One of our local supply houses has them in stock. $16.90 (2"chrome 90 degree flush elbow.)

I needed an offset flush pipe a couple of weeks ago, and they do not have that. They told me that was on the net for 195.


----------



## Flyin Brian (Aug 22, 2009)

gladerunner said:


> working for a freind.(need i say more). dead set on rebuilding wall hung tank toilet. does anyone know where i can find reasonably priced 2x8x10 chrome flush ell. found one and only one so far on web 195.00
> I refuse just on ethics.


where are you located? i have one i will sell/trade ya


----------



## SummPlumb (Feb 19, 2010)

I removed a flush elle 2 weeks ago in pristine condition. It has a cast iron tank. She wanted the new Kohler class 5 flush. I am going to save it. I love the old front flushing bowls.


----------



## Flyin Brian (Aug 22, 2009)

SummPlumb said:


> I removed a flush elle 2 weeks ago in pristine condition. It has a cast iron tank. She wanted the new Kohler class 5 flush. I am going to save it.
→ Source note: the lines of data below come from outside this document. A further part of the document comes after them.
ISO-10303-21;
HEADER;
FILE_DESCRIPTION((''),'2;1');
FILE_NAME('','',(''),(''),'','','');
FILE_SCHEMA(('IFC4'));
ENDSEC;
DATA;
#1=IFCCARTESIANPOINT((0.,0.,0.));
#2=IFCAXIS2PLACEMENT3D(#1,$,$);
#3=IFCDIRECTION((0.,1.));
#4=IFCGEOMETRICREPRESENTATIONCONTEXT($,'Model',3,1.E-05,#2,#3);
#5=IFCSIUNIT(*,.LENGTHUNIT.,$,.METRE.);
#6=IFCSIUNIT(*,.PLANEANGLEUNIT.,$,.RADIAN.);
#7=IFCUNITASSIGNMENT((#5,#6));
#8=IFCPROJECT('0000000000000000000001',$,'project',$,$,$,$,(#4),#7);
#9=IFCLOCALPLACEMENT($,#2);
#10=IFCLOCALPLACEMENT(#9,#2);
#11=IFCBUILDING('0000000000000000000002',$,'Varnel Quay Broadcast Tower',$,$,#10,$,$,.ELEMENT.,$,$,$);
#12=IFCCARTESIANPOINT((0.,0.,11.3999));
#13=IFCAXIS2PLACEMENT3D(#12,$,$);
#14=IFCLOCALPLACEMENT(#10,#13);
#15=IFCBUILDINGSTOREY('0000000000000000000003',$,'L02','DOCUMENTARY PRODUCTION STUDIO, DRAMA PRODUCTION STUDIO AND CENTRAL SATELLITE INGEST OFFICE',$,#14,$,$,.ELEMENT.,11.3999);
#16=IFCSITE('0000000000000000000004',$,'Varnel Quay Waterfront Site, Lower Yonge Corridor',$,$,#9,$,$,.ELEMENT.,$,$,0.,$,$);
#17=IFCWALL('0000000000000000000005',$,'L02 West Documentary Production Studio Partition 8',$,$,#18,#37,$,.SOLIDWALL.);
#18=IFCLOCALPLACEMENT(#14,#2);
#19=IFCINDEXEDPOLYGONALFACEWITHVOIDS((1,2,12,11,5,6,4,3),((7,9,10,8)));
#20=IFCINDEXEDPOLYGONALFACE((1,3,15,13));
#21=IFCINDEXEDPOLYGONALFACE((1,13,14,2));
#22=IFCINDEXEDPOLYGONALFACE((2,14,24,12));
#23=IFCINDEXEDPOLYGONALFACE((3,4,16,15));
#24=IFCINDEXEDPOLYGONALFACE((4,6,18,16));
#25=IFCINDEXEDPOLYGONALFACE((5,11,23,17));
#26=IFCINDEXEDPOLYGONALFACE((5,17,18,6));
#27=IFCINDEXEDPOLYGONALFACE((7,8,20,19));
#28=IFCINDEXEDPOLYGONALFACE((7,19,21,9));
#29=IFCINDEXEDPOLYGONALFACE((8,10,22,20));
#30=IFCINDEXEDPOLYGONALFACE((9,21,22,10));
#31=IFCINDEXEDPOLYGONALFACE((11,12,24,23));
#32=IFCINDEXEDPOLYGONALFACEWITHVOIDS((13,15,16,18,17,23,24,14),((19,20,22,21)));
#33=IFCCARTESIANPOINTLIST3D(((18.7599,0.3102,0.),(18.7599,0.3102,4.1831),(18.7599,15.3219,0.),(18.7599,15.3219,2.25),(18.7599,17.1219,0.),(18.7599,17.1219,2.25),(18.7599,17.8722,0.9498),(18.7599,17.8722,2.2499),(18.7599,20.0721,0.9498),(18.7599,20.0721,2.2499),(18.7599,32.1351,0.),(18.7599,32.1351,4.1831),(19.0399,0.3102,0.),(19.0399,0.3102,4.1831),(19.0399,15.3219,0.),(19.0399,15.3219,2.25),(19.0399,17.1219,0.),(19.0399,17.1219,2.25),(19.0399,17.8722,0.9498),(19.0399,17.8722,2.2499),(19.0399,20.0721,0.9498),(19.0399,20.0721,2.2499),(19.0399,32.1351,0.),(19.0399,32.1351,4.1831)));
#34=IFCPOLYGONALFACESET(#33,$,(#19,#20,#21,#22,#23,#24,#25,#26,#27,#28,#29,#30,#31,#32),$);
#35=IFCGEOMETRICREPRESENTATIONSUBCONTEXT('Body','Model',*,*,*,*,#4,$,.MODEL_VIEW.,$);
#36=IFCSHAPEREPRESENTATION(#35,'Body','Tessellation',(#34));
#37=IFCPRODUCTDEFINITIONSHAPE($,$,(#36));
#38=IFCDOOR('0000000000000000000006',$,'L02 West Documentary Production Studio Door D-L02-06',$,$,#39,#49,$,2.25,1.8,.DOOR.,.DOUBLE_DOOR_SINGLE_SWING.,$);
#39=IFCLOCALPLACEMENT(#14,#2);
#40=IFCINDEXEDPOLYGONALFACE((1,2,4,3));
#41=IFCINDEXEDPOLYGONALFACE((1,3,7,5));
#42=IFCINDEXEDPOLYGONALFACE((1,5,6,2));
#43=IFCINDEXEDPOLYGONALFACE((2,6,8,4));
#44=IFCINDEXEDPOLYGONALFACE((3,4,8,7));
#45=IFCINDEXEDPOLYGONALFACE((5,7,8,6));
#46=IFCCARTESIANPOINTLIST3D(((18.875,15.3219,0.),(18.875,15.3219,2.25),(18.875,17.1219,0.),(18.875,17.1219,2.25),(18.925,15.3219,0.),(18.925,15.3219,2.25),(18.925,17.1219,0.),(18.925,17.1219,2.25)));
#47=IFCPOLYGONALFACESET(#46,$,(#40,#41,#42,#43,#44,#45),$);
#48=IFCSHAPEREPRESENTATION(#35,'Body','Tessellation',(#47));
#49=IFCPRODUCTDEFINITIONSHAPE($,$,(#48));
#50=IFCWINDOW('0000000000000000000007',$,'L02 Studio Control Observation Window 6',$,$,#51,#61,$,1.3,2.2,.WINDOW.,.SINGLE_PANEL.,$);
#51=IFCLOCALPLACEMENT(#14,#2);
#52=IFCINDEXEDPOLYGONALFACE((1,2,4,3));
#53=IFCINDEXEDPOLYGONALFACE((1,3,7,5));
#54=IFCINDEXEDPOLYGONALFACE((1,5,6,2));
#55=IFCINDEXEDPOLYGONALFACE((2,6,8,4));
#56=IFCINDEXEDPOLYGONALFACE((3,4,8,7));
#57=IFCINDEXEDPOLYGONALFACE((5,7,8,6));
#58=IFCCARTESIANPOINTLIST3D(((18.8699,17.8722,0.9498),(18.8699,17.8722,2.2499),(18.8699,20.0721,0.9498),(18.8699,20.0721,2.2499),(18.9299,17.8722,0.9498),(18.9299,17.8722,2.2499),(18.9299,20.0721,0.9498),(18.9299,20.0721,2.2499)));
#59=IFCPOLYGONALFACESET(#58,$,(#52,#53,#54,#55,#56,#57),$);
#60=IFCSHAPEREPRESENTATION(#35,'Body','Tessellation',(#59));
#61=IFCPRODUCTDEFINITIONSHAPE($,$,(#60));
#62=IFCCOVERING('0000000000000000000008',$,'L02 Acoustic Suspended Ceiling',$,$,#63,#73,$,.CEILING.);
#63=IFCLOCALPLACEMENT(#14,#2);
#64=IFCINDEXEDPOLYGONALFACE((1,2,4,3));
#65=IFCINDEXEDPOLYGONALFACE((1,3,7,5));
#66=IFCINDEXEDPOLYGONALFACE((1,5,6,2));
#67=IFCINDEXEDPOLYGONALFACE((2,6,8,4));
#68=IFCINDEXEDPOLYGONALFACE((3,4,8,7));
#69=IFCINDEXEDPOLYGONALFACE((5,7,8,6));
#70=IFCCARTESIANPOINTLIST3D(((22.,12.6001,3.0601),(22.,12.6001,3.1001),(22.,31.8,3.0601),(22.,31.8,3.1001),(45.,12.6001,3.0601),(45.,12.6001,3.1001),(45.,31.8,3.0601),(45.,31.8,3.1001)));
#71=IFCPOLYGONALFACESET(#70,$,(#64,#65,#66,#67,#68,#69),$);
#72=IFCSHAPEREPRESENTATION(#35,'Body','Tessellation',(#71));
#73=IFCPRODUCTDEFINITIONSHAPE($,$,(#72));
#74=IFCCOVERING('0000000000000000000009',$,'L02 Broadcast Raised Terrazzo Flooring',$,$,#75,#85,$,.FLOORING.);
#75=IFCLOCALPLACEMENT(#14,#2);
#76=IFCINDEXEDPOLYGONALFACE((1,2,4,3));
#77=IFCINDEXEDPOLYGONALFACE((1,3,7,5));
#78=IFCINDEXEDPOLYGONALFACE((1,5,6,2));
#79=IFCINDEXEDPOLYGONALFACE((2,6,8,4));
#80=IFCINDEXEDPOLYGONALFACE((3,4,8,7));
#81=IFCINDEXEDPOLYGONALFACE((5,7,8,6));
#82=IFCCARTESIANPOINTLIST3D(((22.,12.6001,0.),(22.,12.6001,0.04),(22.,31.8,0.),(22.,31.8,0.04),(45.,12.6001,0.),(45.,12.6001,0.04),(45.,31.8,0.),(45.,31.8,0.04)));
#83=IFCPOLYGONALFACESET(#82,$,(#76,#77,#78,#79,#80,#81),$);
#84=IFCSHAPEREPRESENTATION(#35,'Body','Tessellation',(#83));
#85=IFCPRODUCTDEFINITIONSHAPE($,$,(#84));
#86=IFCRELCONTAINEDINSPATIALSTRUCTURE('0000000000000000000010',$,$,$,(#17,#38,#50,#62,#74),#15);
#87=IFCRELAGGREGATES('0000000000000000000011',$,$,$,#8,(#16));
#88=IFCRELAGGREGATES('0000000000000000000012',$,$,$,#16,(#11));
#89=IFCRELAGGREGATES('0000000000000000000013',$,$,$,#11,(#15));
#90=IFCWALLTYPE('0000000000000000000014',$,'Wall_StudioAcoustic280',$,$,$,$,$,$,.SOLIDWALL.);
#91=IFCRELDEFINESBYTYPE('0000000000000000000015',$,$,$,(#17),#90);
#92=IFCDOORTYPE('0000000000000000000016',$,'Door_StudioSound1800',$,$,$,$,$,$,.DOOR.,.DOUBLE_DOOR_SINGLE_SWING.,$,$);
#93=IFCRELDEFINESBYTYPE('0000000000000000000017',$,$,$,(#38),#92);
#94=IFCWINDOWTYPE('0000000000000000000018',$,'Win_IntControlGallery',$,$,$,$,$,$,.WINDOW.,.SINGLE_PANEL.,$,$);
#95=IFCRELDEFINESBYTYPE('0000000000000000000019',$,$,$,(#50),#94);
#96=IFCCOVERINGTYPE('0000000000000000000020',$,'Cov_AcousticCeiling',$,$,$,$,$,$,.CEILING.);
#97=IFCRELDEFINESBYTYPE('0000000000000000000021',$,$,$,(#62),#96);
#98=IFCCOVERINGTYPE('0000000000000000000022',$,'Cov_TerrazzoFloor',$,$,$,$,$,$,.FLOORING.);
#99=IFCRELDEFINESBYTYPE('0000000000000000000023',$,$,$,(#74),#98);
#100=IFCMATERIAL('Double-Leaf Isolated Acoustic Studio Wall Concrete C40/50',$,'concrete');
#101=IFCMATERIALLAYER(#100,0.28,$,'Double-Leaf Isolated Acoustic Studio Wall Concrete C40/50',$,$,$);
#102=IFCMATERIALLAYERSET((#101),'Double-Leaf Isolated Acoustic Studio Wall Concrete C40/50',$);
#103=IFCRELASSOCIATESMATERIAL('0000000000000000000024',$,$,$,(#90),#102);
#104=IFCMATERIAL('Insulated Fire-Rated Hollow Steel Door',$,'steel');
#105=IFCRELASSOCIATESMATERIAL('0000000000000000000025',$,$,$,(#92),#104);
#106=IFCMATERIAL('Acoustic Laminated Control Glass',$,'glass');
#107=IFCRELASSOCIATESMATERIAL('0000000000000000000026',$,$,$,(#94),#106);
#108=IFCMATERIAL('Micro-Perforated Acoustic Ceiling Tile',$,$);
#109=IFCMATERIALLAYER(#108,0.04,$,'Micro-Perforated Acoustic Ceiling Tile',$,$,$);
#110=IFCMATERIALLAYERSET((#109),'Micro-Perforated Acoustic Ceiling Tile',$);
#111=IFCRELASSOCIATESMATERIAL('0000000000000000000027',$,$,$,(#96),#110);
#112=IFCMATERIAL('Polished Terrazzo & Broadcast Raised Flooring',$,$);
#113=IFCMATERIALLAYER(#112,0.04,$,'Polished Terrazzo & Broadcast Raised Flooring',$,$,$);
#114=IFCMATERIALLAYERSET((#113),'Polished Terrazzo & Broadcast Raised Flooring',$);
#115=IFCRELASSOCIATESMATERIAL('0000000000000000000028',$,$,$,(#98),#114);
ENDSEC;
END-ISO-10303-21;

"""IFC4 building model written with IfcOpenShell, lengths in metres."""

from ifc_helpers import new_model, si_unit, direction, frame, frame_2d, origin, place, context, subcontext, project, spatial, polyline, rectangle, outline, extrude, source, transform, mapped, material, layer, layer_set, type_object, type_shapes, element, fill, save


model = new_model("IFC4")

# Units and contexts
model_context = context("Model", 3, precision=1e-05, world=origin(), true_north=direction((0.0, 1.0)))
body_context = subcontext(model_context, "Body", "Model", "MODEL_VIEW")
ifc_project = project(units=[si_unit("LENGTHUNIT", "METRE"), si_unit("PLANEANGLEUNIT", "RADIAN")], contexts=[model_context])

# Site, building, storey
site_placement = place(None, origin())
site = spatial("IfcSite", under=ifc_project, at=site_placement, Name="Varnel Quay Waterfront Site, Lower Yonge Corridor", CompositionType="ELEMENT", RefElevation=0.0)
building_placement = place(site_placement, origin())
building = spatial("IfcBuilding", under=site, at=building_placement, Name="Varnel Quay Broadcast Tower", CompositionType="ELEMENT")
storey_placement = place(building_placement, frame((0.0, 0.0, 11.3999)))
storey = spatial("IfcBuildingStorey", under=building, at=storey_placement, Name="L02", Description="DOCUMENTARY PRODUCTION STUDIO, DRAMA PRODUCTION STUDIO AND CENTRAL SATELLITE INGEST OFFICE", CompositionType="ELEMENT", Elevation=11.3999)

# Wall, openings, door, window
ifc_material_1 = material(Name="Double-Leaf Isolated Acoustic Studio Wall Concrete C40/50", Category="concrete")
ifc_layer_1 = layer(ifc_material_1, 0.28, Name="Double-Leaf Isolated Acoustic Studio Wall Concrete C40/50")
ifc_layer_set_1 = layer_set([ifc_layer_1], Name="Double-Leaf Isolated Acoustic Studio Wall Concrete C40/50")
wall_type_1 = type_object("IfcWallType", Name="Wall_StudioAcoustic280", PredefinedType="SOLIDWALL", material=ifc_layer_set_1)
wall_1_placement = place(storey_placement, frame((18.8999, 0.3101, 0.0), z_axis=(0.0, 0.0, 1.0), x_axis=(0.0, 1.0, 0.0)))
wall_1 = element("IfcWall", 1, at=wall_1_placement, inside=storey, type_object=wall_type_1, Name="L02 West Documentary Production Studio Partition 8", PredefinedType="SOLIDWALL", context=body_context, shape_type="SweptSolid", body=[
    extrude(rectangle(XDim=31.825, YDim=0.28, at=frame_2d((15.9126, 0.0))), origin(), (0.0, 0.0, 1.0), 4.1831),
])
opening_1_placement = place(wall_1_placement, frame((15.012, 0.0, 0.0)))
I love the old front flushing bowls.


i have one i took out of an old house that was the orginal like 1939
i kept the bowl backwash Douglas Leader


----------



## dankman (Nov 19, 2009)

You can try Menyhart Plumbing Supply in Cleveland (216) 631-5519, I know they carry them because I've picked them up there before and I'm pretty sure they'll ship.


----------